Scenario 3: Disk Space Running Low
Symptom: KafkaDataLogsDiskUsed is approaching 85% or AWS storage capacity alerts fire.
Options to resolve:
- Increase broker storage. MSK Provisioned supports online storage expansion without downtime.
- Reduce topic retention settings (retention.ms or retention.bytes). Shorter retention = less disk used.
- Enable Tiered Storage for MSK. Hot data stays local; older data moves to S3. Source: AWS MSK Tiered Storage docs.
- Identify storage-heavy topics using per-topic Prometheus metrics and reduce retention on those topics specifically.
Scenario 4: UnderReplicatedPartitions > 0
Symptom: UnderReplicatedPartitions is non-zero outside of a maintenance window.
Common causes:
- One or more brokers are slow due to high CPU, high disk I/O, or network congestion.
- A broker is temporarily unavailable and still being listed as part of the cluster.
- Replication is configured for high throughput topics without enough broker capacity.
Check ActiveControllerCount (should be exactly 1) and review per-broker CPU and I/O metrics to identify the struggling broker.
Conclusion
Effective AWS MSK monitoring requires watching metrics across three layers: broker health (CPU, disk, request handler idle percent), data flow (BytesInPerSec, BytesOutPerSec, consumer lag), and cluster integrity (ActiveControllerCount, UnderReplicatedPartitions, OfflinePartitionsCount).
CloudWatch gives you the easiest path to getting started, with DEFAULT level metrics available for free. Prometheus and Grafana unlock per-topic, per-partition, and per-client visibility that CloudWatch cannot match at scale, and they allow you to build cost-center dashboards that link storage and throughput to specific topics and consumers.
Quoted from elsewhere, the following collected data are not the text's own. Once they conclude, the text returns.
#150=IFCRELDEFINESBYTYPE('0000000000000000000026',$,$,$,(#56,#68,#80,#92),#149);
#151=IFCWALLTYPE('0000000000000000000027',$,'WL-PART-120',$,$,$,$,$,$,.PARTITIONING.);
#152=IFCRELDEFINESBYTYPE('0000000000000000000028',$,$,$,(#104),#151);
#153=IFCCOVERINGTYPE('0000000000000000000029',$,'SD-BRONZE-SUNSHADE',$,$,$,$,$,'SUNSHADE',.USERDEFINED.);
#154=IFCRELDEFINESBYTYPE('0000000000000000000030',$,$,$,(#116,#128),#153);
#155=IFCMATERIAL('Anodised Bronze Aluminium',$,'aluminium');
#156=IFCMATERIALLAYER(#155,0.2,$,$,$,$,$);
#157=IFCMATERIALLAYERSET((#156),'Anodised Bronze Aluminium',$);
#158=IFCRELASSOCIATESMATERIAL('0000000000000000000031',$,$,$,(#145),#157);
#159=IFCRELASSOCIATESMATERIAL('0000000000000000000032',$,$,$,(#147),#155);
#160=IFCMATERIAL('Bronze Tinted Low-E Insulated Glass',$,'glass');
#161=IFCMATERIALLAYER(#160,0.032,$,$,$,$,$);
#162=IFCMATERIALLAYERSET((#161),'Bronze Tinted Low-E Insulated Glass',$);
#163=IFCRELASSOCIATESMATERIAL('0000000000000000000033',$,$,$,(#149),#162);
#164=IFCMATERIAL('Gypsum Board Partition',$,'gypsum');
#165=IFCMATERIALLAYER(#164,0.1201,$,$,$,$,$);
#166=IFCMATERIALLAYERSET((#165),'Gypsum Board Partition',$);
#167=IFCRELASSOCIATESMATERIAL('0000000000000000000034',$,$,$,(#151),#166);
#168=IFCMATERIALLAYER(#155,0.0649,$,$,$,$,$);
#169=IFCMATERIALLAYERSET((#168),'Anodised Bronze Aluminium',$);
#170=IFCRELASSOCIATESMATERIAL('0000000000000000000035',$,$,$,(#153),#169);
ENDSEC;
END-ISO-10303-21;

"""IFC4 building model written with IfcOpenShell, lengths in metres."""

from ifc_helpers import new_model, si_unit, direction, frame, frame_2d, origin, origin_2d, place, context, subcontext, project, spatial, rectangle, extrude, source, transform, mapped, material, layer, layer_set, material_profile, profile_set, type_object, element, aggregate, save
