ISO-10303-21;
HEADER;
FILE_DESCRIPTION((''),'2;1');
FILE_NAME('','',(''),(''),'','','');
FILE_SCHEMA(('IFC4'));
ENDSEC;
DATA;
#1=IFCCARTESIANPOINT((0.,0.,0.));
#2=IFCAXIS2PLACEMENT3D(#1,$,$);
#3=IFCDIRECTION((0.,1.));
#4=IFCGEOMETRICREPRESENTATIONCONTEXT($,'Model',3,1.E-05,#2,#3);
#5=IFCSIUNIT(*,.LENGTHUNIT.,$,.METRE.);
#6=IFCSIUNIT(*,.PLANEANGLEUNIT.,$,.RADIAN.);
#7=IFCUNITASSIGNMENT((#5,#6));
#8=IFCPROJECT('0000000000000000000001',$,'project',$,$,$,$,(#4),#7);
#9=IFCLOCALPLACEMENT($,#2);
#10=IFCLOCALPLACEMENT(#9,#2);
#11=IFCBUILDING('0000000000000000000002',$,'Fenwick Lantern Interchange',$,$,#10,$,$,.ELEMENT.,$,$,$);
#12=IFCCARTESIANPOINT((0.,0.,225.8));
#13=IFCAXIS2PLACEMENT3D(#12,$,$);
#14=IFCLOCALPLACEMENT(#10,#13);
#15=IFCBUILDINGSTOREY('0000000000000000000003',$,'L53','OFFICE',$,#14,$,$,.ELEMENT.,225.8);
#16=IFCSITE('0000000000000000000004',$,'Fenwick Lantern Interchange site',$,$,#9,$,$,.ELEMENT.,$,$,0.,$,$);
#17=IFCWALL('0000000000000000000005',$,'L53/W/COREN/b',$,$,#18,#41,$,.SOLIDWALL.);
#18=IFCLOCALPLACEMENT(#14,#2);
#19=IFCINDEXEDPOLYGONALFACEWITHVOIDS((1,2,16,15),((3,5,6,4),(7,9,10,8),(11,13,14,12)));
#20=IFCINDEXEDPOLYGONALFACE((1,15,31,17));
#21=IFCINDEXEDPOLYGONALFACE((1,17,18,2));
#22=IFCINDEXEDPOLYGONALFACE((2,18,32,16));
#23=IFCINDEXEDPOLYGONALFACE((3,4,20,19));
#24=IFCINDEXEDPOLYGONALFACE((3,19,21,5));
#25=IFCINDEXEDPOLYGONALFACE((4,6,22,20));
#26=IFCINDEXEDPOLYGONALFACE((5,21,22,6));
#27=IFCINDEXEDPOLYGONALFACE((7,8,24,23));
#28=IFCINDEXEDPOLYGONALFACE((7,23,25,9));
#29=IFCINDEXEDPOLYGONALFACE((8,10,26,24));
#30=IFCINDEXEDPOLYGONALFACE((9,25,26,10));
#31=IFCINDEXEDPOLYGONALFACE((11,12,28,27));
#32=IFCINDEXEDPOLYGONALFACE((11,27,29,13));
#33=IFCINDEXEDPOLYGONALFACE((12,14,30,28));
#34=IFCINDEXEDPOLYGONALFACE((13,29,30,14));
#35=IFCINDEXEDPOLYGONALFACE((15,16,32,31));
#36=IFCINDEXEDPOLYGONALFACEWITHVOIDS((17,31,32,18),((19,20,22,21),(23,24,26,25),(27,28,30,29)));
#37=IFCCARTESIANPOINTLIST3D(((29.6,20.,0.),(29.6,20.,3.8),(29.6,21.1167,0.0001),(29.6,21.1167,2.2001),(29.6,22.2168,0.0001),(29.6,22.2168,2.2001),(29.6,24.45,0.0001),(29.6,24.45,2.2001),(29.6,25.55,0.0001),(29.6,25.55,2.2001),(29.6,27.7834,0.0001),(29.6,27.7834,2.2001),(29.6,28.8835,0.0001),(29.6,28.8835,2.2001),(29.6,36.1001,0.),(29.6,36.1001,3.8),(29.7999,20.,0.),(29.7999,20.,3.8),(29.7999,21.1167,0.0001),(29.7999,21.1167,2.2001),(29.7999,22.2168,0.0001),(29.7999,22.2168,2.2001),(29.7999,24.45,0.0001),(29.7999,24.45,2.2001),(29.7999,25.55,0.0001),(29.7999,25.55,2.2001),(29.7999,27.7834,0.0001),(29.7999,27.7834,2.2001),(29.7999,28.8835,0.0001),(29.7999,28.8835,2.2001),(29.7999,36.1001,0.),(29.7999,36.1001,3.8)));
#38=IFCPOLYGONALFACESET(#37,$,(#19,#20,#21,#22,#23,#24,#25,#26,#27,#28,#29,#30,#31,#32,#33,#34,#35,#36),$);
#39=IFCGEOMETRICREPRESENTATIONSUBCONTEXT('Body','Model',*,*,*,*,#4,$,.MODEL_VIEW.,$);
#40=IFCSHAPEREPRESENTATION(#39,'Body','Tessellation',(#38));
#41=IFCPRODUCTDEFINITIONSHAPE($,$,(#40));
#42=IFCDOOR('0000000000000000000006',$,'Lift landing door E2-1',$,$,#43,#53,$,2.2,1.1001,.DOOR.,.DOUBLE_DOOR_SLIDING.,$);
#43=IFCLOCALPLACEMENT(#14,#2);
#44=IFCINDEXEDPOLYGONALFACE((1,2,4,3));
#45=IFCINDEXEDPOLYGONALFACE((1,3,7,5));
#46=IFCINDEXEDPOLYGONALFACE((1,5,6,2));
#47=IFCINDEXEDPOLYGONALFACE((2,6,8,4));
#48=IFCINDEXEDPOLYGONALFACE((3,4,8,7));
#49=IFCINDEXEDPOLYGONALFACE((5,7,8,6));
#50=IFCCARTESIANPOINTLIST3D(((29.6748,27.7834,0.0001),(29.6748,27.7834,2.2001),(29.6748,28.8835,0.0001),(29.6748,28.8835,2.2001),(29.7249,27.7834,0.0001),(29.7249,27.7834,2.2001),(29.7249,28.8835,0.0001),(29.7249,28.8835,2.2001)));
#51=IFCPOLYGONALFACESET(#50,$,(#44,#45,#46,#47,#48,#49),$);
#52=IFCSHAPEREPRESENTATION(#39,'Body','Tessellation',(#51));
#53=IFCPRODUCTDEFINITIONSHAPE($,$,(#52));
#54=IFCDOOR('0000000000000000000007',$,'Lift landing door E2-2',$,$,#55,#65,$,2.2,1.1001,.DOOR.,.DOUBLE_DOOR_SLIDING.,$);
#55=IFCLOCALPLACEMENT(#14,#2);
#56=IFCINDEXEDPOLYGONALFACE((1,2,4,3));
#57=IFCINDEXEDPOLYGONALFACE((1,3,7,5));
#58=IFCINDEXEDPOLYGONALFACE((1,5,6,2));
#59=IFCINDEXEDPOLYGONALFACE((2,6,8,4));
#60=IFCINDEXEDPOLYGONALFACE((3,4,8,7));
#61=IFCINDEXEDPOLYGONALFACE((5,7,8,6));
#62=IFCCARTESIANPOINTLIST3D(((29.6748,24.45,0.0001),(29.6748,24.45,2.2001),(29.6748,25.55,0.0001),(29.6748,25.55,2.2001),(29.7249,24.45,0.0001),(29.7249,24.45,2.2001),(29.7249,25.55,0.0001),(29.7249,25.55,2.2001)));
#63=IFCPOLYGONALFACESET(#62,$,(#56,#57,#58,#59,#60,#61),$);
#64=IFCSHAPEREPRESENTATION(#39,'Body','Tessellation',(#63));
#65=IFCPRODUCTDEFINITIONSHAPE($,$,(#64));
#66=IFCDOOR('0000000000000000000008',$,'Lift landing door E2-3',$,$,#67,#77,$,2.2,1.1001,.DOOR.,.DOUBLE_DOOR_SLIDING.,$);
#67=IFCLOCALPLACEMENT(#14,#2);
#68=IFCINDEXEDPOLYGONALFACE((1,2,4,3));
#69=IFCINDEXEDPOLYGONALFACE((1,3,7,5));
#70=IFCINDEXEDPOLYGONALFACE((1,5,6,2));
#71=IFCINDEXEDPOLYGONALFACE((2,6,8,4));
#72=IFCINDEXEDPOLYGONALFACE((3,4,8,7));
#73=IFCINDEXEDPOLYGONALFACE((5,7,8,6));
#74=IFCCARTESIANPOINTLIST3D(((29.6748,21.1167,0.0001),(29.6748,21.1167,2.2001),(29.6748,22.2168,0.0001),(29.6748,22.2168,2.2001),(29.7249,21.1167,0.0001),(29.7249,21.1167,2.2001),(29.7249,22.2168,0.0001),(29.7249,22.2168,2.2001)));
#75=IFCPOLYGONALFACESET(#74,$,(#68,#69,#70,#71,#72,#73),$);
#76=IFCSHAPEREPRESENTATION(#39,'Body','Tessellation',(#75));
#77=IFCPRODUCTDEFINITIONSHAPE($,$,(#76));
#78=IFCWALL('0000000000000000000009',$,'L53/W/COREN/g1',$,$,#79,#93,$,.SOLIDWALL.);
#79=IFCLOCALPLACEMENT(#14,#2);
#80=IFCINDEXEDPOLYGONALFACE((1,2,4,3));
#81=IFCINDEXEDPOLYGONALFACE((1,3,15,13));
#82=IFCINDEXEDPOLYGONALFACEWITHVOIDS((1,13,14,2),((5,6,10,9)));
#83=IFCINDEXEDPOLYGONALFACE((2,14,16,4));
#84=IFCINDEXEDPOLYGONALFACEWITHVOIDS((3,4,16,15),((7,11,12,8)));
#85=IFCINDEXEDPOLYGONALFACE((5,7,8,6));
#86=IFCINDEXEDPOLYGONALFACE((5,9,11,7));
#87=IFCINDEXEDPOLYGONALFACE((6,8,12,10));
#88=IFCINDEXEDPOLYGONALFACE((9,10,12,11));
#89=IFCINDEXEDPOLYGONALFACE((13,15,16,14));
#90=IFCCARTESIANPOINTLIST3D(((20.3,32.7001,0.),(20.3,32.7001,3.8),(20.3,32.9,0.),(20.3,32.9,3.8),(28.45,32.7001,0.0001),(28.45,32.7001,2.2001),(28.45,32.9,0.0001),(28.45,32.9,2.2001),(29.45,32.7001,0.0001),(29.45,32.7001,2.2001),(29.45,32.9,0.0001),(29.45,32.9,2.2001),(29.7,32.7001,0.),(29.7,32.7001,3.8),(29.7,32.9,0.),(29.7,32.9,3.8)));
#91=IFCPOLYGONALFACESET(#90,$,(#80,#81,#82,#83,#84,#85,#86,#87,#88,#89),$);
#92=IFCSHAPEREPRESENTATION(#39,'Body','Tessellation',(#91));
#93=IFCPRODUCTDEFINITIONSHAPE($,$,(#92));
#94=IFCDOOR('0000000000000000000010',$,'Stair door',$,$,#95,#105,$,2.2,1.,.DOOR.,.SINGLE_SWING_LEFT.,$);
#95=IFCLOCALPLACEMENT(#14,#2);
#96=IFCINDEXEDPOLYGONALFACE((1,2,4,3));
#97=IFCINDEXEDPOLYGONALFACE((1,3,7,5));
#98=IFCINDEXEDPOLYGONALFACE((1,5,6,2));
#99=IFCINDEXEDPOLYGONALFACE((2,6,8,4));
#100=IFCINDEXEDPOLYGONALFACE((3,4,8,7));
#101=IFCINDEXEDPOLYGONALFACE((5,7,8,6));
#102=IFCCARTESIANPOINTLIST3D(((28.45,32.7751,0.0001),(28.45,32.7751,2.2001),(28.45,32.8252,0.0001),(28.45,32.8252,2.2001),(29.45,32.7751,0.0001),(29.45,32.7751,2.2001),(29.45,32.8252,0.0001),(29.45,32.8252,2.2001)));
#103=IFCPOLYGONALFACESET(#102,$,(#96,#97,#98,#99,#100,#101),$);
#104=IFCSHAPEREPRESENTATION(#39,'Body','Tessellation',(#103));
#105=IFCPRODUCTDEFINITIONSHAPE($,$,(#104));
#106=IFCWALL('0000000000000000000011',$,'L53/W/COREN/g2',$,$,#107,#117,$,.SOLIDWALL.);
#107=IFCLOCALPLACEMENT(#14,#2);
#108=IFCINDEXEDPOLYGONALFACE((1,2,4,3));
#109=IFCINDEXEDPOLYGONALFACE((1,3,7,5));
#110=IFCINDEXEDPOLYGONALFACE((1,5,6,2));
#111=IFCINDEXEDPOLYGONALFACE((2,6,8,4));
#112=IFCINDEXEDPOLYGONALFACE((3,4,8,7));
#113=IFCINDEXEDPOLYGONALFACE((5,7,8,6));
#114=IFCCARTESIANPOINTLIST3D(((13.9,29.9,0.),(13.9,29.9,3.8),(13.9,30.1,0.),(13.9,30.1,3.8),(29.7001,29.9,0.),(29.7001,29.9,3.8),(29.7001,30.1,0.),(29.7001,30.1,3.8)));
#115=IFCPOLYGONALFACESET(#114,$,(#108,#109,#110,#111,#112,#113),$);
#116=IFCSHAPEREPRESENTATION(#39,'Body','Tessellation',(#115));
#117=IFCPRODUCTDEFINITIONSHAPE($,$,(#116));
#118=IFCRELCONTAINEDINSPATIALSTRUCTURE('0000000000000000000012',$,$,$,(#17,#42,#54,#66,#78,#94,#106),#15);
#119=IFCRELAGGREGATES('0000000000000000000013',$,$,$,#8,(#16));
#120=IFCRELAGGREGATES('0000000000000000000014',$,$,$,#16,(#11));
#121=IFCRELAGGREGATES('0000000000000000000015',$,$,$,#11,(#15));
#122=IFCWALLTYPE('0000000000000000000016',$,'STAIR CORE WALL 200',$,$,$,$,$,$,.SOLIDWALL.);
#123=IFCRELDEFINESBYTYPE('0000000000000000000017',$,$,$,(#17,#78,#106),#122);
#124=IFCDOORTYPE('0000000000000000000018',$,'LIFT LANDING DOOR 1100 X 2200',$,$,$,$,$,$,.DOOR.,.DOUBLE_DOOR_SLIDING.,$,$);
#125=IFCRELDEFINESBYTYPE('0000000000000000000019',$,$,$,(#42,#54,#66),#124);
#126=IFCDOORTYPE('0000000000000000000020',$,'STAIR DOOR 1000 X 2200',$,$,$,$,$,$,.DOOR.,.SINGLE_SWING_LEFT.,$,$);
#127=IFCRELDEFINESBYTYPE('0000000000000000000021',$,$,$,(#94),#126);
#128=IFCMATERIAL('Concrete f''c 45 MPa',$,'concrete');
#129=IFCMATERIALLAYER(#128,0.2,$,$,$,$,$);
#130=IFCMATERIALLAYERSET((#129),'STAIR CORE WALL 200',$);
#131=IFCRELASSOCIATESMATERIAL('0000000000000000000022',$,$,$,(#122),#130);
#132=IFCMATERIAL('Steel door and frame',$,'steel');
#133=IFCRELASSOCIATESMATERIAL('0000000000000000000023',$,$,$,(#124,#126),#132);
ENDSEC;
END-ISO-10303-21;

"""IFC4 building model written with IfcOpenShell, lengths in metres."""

from ifc_helpers import new_model, si_unit, direction, frame, frame_2d, origin, place, context, subcontext, project, spatial, rectangle, extrude, material, layer, layer_set, type_object, element, fill, save


model = new_model("IFC4")

# Units and contexts
model_context = context("Model", 3, precision=1e-05, world=origin(), true_north=direction((0.0, 1.0)))
body_context = subcontext(model_context, "Body", "Model", "MODEL_VIEW")
ifc_project = project(units=[si_unit("LENGTHUNIT", "METRE"), si_unit("PLANEANGLEUNIT", "RADIAN")], contexts=[model_context])

# Site, building, storey
site_placement = place(None, origin())
site = spatial("IfcSite", under=ifc_project, at=site_placement, Name="Fenwick Lantern Interchange site", CompositionType="ELEMENT", RefElevation=0.0)
building_placement = place(site_placement, origin())
building = spatial("IfcBuilding", under=site, at=building_placement, Name="Fenwick Lantern Interchange", CompositionType="ELEMENT")
storey_placement = place(building_placement, frame((0.0, 0.0, 225.8)))
storey = spatial("IfcBuildingStorey", under=building, at=storey_placement, Name="L53", Description="OFFICE", CompositionType="ELEMENT", Elevation=225.8)

# Shared definitions
ifc_material_1 = material(Name="Steel door and frame", Category="steel")

# Wall, openings, doors
ifc_material_2 = material(Name="Concrete f'c 45 MPa", Category="concrete")
ifc_layer_1 = layer(ifc_material_2, 0.2)
ifc_layer_set_1 = layer_set([ifc_layer_1], Name="STAIR CORE WALL 200")
wall_type_1 = type_object("IfcWallType", Name="STAIR CORE WALL 200", PredefinedType="SOLIDWALL", material=ifc_layer_set_1)
wall_1_placement = place(storey_placement, frame((29.7, 36.1001, 0.0), z_axis=(0.0, 0.0, 1.0), x_axis=(0.0, -1.0, 0.0)))
wall_1 = element("IfcWall", 1, at=wall_1_placement, inside=storey, type_object=wall_type_1, Name="L53/W/COREN/b", PredefinedType="SOLIDWALL", context=body_context, shape_type="SweptSolid", body=[
    extrude(rectangle(XDim=16.1001, YDim=0.2, at=frame_2d((8.05, 0.0))), origin(), (0.0, 0.0, 1.0), 3.8),
])
opening_1_placement = place(wall_1_placement, frame((7.2166, 0.0, 0.0)))
opening_1 = element("IfcOpeningElement", 2, at=opening_1_placement, cuts=wall_1, PredefinedType="OPENING", context=body_context, shape_type="SweptSolid", body=[
    extrude(rectangle(XDim=1.1001, YDim=2.2, at=frame_2d((0.55, 1.1001))), frame((0.0, 0.1099, 0.0), z_axis=(0.0, -1.0, 0.0), x_axis=(1.0, 0.0, 0.0)), (0.0, 0.0, 1.0), 0.22),
])
opening_2_placement = place(wall_1_placement, frame((10.55, 0.0, 0.0)))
The single most important metric to set an alert on today: RequestHandlerAvgIdlePercent. When it drops below 20%, your brokers are under serious load and producers will be throttled. Catch it before it catches you.
Disclaimer: The information in this article is based on publicly available AWS documentation and community resources as of 2025. AWS services and their monitoring capabilities are updated frequently. Always refer to the official AWS MSK documentation (https://docs.aws.amazon.com/msk/latest/developerguide/) for the most current metric names, pricing, and configuration guidance. Metric availability may vary based on MSK cluster type (Provisioned vs. Serverless), broker type (Standard vs. Express), and the monitoring level configured for your cluster.